The homestead into which he finally turned was quite unlike the others. Indeed, it resembled nothing so much as a tiny castle. The main house, though not much bigger than its thatched and gabled neighbours, was three floors high, square, and made of stone. This fortified house belonged to Doyle, a prominent merchant in Dublin, who used it to store goods. And it was the man who lived in the house and worked for Doyle—Tom’s good friend and the one man in Dalkey he could trust—that Tom had come to see.
Nobody would have been surprised at his going in there. Tom and Michael MacGowan had been friends ever since Tom had arrived in Dalkey. Despite their different ages they had much in common. Both were Dublin men. MacGowan’s brother was a well-regarded craftsman in the city. He himself had been taken on by Doyle as an apprentice, and now in his twenties, he had kept the store for his master in Dalkey for nearly five years. The girl he was courting in Dublin was quite content to move to Dalkey if they married, so it was likely that he would be remaining there for a long time. Tom Tidy had come to regard him as a steady young fellow, with a wise head on his shoulders. He could trust him to be discreet.

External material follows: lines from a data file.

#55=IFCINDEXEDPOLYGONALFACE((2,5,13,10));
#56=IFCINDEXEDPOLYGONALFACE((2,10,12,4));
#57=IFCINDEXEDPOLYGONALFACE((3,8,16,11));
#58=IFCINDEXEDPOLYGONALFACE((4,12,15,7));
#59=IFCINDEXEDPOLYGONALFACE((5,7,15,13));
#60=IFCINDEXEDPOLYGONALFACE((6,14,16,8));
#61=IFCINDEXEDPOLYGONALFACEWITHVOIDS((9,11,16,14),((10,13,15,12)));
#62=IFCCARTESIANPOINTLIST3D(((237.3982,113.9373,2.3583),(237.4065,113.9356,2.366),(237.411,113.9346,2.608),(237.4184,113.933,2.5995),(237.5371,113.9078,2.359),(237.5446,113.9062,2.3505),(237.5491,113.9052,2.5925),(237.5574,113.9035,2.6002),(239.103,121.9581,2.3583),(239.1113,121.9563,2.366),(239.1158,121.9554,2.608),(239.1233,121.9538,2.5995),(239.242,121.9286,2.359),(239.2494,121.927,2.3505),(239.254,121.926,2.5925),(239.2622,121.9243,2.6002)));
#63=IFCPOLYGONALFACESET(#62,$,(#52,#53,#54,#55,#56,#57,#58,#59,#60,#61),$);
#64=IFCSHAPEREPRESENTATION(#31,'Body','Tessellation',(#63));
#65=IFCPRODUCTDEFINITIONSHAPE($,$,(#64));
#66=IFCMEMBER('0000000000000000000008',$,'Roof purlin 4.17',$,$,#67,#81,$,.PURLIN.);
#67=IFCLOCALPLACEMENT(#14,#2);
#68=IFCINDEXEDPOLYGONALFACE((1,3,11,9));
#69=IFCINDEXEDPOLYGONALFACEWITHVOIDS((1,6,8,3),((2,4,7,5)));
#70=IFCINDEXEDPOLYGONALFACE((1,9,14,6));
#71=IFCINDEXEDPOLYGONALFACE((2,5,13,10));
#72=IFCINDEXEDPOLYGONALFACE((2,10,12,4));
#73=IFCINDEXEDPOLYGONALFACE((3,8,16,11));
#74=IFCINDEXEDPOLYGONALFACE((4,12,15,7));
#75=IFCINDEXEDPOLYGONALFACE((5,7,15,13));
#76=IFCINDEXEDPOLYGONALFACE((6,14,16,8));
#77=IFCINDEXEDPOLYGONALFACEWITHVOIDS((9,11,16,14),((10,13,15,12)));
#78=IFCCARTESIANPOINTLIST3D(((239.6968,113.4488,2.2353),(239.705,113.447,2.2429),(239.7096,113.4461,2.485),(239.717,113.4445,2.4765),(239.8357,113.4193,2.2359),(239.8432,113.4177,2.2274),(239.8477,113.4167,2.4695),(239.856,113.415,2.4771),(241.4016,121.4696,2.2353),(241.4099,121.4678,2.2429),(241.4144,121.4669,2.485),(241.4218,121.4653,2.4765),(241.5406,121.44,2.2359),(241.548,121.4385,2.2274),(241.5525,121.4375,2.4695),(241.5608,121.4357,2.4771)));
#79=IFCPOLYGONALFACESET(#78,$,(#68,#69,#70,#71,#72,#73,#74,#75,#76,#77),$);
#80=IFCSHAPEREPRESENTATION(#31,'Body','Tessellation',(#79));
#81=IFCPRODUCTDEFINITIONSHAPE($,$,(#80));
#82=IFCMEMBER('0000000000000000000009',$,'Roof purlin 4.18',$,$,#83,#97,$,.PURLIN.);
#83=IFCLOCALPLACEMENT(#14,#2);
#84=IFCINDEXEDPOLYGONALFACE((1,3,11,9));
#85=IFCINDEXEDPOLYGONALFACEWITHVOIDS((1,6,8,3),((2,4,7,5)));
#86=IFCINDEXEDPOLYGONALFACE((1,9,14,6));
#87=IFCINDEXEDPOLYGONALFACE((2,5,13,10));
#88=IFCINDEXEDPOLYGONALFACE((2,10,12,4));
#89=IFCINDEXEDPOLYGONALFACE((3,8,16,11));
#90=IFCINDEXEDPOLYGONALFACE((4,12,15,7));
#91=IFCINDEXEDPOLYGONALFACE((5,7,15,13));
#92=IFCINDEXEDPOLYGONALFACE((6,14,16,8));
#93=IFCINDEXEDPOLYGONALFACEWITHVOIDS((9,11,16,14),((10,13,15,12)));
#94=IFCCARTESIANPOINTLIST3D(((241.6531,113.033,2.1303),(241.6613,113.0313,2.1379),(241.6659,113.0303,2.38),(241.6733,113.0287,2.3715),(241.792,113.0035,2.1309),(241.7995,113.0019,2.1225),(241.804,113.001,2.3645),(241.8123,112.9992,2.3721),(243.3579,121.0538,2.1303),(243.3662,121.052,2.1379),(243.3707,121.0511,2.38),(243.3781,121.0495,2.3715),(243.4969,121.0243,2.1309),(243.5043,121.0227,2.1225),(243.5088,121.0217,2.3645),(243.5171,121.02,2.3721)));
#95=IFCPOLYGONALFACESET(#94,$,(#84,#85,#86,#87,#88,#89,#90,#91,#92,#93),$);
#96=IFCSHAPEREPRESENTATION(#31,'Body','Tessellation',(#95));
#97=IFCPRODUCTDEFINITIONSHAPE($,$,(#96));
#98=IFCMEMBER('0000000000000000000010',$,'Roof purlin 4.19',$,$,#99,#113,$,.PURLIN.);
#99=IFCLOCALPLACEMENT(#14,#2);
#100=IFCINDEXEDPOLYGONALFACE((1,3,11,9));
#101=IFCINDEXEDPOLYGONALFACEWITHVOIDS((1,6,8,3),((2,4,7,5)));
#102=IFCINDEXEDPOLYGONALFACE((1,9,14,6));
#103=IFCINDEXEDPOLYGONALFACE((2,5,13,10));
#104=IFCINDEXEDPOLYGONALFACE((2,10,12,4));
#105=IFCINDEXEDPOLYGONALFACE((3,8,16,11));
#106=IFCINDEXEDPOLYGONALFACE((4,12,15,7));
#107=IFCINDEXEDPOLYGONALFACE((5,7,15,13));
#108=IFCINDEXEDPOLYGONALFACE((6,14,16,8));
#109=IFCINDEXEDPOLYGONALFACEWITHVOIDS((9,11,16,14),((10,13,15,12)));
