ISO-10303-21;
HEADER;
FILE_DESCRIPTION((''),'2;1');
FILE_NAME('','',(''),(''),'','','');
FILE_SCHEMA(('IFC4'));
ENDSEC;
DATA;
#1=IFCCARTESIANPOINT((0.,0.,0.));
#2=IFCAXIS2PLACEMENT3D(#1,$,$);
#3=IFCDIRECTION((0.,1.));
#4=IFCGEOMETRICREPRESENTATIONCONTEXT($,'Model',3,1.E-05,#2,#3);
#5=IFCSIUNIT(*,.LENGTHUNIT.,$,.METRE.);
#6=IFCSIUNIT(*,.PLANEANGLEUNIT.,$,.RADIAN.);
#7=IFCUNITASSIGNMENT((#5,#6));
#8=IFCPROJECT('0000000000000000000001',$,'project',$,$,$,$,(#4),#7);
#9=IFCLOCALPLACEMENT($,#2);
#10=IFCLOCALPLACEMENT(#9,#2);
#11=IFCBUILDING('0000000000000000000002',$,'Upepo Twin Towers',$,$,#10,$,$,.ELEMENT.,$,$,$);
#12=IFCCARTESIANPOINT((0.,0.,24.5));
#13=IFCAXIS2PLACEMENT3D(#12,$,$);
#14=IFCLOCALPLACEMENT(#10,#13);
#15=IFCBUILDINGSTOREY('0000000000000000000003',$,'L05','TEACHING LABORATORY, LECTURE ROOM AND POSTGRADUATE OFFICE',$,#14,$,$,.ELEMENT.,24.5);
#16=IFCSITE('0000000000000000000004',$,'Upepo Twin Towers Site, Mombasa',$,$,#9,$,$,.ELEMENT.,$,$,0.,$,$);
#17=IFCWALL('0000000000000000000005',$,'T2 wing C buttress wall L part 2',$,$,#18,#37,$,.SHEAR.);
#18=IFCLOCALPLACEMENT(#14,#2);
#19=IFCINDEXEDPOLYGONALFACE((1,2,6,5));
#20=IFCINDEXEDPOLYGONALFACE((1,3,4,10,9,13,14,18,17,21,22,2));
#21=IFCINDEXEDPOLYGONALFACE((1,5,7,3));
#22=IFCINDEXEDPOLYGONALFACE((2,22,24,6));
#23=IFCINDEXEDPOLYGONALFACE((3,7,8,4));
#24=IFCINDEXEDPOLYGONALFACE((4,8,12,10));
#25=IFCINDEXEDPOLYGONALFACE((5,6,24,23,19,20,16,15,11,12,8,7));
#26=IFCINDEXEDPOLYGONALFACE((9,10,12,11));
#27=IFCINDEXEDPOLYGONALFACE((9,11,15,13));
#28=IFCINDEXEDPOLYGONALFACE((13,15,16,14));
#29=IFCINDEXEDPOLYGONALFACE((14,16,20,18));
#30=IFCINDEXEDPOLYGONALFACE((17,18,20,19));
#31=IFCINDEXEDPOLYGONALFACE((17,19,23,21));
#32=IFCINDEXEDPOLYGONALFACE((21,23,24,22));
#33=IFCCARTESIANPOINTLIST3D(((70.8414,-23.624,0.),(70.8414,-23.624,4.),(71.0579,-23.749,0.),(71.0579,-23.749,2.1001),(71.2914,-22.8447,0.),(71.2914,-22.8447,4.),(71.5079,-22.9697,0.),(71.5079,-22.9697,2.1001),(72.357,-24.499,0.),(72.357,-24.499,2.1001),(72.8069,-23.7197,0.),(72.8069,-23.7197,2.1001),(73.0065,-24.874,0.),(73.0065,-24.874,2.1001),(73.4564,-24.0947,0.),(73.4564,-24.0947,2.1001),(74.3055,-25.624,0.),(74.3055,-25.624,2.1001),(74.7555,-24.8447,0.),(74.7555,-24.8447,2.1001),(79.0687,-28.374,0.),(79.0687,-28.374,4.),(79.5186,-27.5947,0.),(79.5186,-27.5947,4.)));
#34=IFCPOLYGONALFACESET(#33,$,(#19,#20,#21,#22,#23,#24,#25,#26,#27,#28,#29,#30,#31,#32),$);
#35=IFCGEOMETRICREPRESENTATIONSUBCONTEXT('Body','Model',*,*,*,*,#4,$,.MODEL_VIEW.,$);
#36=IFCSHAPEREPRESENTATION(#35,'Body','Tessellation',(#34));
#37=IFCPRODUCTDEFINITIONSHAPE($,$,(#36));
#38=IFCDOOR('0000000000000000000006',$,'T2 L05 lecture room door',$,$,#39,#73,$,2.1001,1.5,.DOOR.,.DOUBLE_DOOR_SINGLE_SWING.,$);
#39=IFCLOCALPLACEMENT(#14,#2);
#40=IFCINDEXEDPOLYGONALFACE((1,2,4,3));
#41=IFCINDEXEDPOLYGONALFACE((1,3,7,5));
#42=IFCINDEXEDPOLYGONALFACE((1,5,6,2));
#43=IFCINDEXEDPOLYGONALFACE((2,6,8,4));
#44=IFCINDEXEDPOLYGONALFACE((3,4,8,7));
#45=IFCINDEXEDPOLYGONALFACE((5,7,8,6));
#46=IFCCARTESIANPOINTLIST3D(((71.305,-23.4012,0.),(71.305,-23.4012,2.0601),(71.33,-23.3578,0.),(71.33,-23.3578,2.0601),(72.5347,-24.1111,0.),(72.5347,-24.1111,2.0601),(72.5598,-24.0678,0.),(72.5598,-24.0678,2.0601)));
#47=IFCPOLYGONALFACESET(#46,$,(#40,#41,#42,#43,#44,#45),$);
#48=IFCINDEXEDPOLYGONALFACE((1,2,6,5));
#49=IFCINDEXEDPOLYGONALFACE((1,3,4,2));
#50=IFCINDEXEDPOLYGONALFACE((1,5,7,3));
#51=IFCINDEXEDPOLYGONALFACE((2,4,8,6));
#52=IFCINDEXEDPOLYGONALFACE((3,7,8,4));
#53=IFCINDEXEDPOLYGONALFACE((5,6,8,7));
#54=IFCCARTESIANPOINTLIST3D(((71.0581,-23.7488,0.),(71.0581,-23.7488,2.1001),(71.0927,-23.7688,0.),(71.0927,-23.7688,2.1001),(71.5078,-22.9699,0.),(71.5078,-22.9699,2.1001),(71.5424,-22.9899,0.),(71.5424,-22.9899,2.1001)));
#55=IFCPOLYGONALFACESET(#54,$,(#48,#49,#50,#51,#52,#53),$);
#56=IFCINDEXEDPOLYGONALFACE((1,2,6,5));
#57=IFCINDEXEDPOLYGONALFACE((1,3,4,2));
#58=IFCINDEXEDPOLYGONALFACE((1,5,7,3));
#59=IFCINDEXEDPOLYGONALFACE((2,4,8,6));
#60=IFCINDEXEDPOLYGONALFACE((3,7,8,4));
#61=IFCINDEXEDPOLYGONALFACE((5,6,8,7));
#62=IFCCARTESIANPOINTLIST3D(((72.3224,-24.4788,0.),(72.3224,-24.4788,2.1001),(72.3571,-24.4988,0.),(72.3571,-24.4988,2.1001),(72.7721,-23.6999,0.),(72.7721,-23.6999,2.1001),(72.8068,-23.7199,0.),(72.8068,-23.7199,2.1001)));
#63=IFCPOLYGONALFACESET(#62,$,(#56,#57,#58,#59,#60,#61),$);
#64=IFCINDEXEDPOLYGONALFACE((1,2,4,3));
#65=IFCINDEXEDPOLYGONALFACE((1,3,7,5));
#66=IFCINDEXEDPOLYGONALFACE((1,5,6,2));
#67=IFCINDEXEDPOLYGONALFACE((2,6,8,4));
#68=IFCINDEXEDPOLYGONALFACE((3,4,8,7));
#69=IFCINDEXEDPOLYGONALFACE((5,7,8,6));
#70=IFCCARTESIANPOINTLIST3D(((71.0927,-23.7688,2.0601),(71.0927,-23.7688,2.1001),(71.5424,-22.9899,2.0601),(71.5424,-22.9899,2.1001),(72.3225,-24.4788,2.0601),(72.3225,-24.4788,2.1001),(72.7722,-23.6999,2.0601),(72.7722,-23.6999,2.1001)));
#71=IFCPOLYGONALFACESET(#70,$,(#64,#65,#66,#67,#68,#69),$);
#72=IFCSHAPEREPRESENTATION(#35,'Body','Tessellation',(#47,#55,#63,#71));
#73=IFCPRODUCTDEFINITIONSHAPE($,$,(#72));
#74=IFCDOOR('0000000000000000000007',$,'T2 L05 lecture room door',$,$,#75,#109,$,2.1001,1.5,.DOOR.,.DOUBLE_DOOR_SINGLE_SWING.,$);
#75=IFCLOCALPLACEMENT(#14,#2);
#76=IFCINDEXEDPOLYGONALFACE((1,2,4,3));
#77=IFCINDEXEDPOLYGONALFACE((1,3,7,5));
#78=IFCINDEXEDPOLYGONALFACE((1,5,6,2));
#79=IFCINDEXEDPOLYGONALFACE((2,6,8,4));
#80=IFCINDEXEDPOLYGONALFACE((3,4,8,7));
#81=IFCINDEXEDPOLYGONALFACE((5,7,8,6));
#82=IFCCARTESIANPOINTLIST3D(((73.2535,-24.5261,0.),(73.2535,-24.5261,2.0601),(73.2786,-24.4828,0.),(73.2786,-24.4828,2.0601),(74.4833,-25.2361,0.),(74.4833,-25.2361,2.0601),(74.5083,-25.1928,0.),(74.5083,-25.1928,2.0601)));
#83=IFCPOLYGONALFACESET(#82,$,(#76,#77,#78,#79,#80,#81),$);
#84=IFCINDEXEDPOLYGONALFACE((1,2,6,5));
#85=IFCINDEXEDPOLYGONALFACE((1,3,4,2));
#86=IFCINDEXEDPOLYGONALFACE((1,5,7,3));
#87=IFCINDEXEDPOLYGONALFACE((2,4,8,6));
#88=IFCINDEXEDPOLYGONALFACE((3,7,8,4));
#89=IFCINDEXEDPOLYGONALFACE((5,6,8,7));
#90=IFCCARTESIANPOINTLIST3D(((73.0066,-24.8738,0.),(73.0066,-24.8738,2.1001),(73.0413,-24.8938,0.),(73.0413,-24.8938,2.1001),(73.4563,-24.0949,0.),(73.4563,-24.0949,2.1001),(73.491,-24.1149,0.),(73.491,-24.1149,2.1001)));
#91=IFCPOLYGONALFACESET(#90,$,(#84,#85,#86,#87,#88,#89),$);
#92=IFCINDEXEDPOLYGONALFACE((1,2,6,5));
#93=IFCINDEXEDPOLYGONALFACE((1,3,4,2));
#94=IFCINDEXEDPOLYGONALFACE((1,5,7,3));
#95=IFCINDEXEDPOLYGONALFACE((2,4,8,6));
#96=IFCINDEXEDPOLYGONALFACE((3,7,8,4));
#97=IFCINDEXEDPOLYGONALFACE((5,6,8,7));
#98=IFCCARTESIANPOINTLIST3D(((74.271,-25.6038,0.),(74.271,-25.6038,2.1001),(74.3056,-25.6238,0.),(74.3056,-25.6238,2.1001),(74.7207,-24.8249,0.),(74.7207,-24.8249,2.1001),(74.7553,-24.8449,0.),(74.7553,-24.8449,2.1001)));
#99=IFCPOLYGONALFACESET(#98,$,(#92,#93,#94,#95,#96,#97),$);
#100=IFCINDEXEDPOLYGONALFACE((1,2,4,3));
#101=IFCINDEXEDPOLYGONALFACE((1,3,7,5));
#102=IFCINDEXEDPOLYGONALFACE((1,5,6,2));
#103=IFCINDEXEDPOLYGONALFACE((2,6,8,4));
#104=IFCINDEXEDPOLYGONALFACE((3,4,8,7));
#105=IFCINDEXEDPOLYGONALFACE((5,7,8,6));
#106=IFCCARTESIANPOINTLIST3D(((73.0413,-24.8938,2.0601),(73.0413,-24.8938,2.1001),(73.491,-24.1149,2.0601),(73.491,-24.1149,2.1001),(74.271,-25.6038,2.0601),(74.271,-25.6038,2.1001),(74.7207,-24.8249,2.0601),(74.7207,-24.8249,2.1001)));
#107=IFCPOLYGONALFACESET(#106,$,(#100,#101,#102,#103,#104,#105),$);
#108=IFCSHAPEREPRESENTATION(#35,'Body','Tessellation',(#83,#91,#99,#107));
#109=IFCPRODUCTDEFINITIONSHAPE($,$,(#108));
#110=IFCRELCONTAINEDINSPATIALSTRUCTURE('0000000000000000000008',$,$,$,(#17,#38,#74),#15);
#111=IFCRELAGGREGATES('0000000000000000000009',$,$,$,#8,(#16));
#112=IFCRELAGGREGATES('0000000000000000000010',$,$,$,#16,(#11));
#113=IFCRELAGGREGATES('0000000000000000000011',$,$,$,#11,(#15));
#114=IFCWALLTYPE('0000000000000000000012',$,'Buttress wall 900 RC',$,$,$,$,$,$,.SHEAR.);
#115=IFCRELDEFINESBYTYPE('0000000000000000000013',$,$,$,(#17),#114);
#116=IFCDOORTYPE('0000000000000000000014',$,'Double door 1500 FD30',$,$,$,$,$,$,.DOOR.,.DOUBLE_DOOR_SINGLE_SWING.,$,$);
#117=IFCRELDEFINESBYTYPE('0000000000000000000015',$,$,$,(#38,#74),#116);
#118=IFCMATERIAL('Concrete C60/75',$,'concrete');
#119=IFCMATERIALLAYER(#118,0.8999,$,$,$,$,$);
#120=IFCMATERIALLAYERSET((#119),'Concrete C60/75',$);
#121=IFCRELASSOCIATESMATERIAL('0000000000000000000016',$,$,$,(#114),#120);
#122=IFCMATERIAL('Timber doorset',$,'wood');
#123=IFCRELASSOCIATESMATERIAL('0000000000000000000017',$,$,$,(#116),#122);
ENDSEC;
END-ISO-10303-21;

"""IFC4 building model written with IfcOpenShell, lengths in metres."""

from ifc_helpers import new_model, si_unit, direction, frame, frame_2d, origin, place, context, subcontext, project, spatial, rectangle, extrude, material, layer, layer_set, type_object, element, fill, save


model = new_model("IFC4")

# Units and contexts
model_context = context("Model", 3, precision=1e-05, world=origin(), true_north=direction((0.0, 1.0)))
body_context = subcontext(model_context, "Body", "Model", "MODEL_VIEW")
ifc_project = project(units=[si_unit("LENGTHUNIT", "METRE"), si_unit("PLANEANGLEUNIT", "RADIAN")], contexts=[model_context])

# Site, building, storey
site_placement = place(None, origin())
site = spatial("IfcSite", under=ifc_project, at=site_placement, Name="Upepo Twin Towers Site, Mombasa", CompositionType="ELEMENT", RefElevation=0.0)
building_placement = place(site_placement, origin())
building = spatial("IfcBuilding", under=site, at=building_placement, Name="Upepo Twin Towers", CompositionType="ELEMENT")
storey_placement = place(building_placement, frame((0.0, 0.0, 24.5)))
storey = spatial("IfcBuildingStorey", under=building, at=storey_placement, Name="L05", Description="TEACHING LABORATORY, LECTURE ROOM AND POSTGRADUATE OFFICE", CompositionType="ELEMENT", Elevation=24.5)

He found MacGowan in the yard—a small, dark man with a mop of black hair and a face that seemed to look out a little quizzically at the world. He greeted Tom and, when Tom indicated that he wanted to talk, he led him to a pair of benches under an apple tree. He listened attentively while Tom told him what had happened and explained his dilemma.

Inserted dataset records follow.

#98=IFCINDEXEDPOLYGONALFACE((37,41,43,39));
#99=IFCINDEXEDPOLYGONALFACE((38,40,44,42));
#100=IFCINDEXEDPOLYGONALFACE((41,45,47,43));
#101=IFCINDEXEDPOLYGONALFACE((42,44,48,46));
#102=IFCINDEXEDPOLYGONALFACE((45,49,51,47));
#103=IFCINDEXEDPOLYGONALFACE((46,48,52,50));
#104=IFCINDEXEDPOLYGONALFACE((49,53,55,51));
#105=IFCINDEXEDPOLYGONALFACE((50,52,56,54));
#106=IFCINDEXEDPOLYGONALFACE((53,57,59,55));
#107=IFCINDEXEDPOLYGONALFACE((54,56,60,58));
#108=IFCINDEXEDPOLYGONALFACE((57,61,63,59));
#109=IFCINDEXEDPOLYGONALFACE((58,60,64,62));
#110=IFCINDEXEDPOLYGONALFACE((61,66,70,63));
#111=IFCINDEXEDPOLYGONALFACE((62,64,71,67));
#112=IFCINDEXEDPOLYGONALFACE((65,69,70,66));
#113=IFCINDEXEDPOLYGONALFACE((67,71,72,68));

When Michael MacGowan was thinking, he performed a curious trick with his face. He would throw back his head, close one eye and open the other, under its raised eyebrow, very wide. As he did this now, staring up at the sky, it seemed to Tom that MacGowan’s open eye had grown almost as big as one of the ripening apples on the tree. When Tom had finished, his friend was silent, but only for a short time.
“Are you asking my advice as to what you should do?”
“I am.”
“I think you should do nothing. Tell nobody. Forget what you heard.” He turned his single open eye upon the older man and stared at him disconcertingly. “There is danger here, Tom Tidy.”

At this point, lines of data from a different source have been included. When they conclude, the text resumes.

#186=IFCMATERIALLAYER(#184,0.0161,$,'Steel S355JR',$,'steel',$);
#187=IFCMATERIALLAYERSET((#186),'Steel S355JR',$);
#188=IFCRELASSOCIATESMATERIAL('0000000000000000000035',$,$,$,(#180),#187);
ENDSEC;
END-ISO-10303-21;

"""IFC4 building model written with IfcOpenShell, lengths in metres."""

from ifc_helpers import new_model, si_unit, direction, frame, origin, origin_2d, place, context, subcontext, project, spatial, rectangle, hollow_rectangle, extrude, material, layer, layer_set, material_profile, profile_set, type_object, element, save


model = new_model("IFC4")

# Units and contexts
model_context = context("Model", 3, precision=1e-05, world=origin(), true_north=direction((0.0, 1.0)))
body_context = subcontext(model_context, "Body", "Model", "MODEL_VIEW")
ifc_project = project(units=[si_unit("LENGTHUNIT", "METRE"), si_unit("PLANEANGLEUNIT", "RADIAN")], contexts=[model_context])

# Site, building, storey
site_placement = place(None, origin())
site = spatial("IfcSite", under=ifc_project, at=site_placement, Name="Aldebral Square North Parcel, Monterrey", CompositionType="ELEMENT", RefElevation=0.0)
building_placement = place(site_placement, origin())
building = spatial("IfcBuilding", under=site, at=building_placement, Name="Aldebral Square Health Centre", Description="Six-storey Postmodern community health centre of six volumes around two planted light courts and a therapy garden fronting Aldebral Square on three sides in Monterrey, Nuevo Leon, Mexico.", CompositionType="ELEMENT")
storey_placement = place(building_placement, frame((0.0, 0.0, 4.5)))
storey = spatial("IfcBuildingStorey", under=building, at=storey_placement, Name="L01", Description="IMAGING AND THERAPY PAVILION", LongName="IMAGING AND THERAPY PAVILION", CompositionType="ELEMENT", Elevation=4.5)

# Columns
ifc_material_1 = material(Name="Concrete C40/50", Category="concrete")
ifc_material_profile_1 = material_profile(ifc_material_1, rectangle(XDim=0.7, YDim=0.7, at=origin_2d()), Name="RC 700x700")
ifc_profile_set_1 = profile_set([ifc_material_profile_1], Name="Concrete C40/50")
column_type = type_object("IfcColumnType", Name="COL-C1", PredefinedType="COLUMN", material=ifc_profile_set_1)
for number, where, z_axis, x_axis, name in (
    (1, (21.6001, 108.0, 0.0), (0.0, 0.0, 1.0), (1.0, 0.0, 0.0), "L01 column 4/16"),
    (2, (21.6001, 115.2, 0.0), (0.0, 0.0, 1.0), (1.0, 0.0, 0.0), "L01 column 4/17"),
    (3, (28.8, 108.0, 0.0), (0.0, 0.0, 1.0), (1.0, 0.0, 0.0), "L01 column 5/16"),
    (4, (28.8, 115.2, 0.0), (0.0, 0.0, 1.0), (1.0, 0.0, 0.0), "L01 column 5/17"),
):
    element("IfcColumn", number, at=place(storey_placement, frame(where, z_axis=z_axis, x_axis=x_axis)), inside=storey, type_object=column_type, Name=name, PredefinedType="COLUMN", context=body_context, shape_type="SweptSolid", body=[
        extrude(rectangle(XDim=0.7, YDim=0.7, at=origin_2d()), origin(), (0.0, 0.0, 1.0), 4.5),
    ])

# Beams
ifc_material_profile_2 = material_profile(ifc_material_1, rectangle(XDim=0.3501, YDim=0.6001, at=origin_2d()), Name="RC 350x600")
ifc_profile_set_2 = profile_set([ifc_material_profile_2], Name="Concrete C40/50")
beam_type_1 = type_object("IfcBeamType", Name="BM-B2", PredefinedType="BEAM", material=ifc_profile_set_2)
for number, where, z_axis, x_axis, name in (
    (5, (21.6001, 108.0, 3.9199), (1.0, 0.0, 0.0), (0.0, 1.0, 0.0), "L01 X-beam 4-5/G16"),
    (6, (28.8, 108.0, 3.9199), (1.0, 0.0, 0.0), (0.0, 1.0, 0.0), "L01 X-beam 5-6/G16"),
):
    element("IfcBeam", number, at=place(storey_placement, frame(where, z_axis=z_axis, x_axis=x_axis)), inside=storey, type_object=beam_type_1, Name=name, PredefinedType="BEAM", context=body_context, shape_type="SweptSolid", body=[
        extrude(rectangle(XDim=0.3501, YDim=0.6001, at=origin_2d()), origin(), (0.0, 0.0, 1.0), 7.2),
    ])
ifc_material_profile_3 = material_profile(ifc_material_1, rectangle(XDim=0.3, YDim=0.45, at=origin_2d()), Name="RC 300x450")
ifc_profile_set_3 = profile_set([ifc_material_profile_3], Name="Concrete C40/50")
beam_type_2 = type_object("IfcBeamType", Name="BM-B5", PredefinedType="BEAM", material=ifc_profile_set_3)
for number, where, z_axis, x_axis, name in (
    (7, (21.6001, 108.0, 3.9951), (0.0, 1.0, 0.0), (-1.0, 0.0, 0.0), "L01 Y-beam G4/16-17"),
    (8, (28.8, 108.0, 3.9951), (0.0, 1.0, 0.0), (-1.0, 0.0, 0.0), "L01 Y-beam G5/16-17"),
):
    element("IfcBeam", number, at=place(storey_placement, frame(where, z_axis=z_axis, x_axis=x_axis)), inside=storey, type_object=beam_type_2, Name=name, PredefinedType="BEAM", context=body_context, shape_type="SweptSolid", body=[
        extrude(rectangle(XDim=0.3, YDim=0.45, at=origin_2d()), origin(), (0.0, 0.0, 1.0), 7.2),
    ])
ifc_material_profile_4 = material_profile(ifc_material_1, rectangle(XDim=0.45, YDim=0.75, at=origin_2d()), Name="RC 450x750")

“I had thought perhaps that Doyle … I thought you would say we should tell him.” The great merchant who owned the fortified house was not only one of the most prominent of the city fathers but was a man of awesome reputation, on close terms with the Justiciar himself.
One of the reasons why Dalkey had been especially popular as a landing place was that it had often been possible to avoid paying the customs which would have been due at the port of Dublin on all incoming goods. The customs tariffs were significant. A merchant who avoided them might easily increase his profits by a third. Taking the goods from Dalkey round the coast by lighter or overland by cart, it had not been too difficult to evade the customs inspectors. The problem had caused the government some irritation.
When the suggestion had been made to the royal servants in Dublin that they should give Doyle the appointment of water bailiff for Dalkey, it had seemed a good solution to this problem. And indeed, ever since he had held the position, a steady stream of revenue had come from the little harbour. No one down there would dare to do anything behind Doyle’s back. His reach was long. It was not surprising, therefore, that Tom Tidy should have thought of the powerful merchant as a possible solution to his problem.
“They say he can keep secrets and that he is cunning as well as powerful,” he ventured.
“You do not know him, Tom.” MacGowan shook his head. “Doyle is a hard man. If we tell him, do you know what will happen? He will make sure that O’Byrne and his friends walk into a trap that will kill them all. And he will be proud of it. He’ll tell everyone in Dublin that he was responsible. And where do you think that will leave me, out here in Dalkey? The O’Byrnes are a large clan, Tom. They will come and get me. And once they work out what happened, they’ll kill you, too. You can count on it. Even Doyle could not prevent that if he tried—which he probably wouldn’t,” he added bleakly.
“You’re saying that I should do nothing to save the Walshes and their people at Carrickmines?”
“Let their walls protect them.”
Tom nodded sadly. It was a hard thing that MacGowan had said, but he understood. He got up to leave.
“Tom.” MacGowan’s voice was anxious. His eye was staring now like that of a creature caught in a trap and in pain.
“Well?”
“Whatever you’re going to do, Tom, don’t go to Doyle. Will you promise me that?”
Tidy nodded and left. But as MacGowan watched him go he thought to himself: if I know you, Tom Tidy, and your sense of duty, you are going to find somebody to tell.
There was no doubting the fellow’s good intentions. Harold had looked at Tom Tidy with some admiration when he turned up at his house with a wagonload of goods and demanded to speak with him. That had been an intelligent ruse to avoid suspicion, and he had gladly bought a number of useful provisions to give Tidy his necessary cover.
“You have done the right thing,” he assured the carrier, when he learned the reason for Tidy’s visit, “and you have come to the right person.”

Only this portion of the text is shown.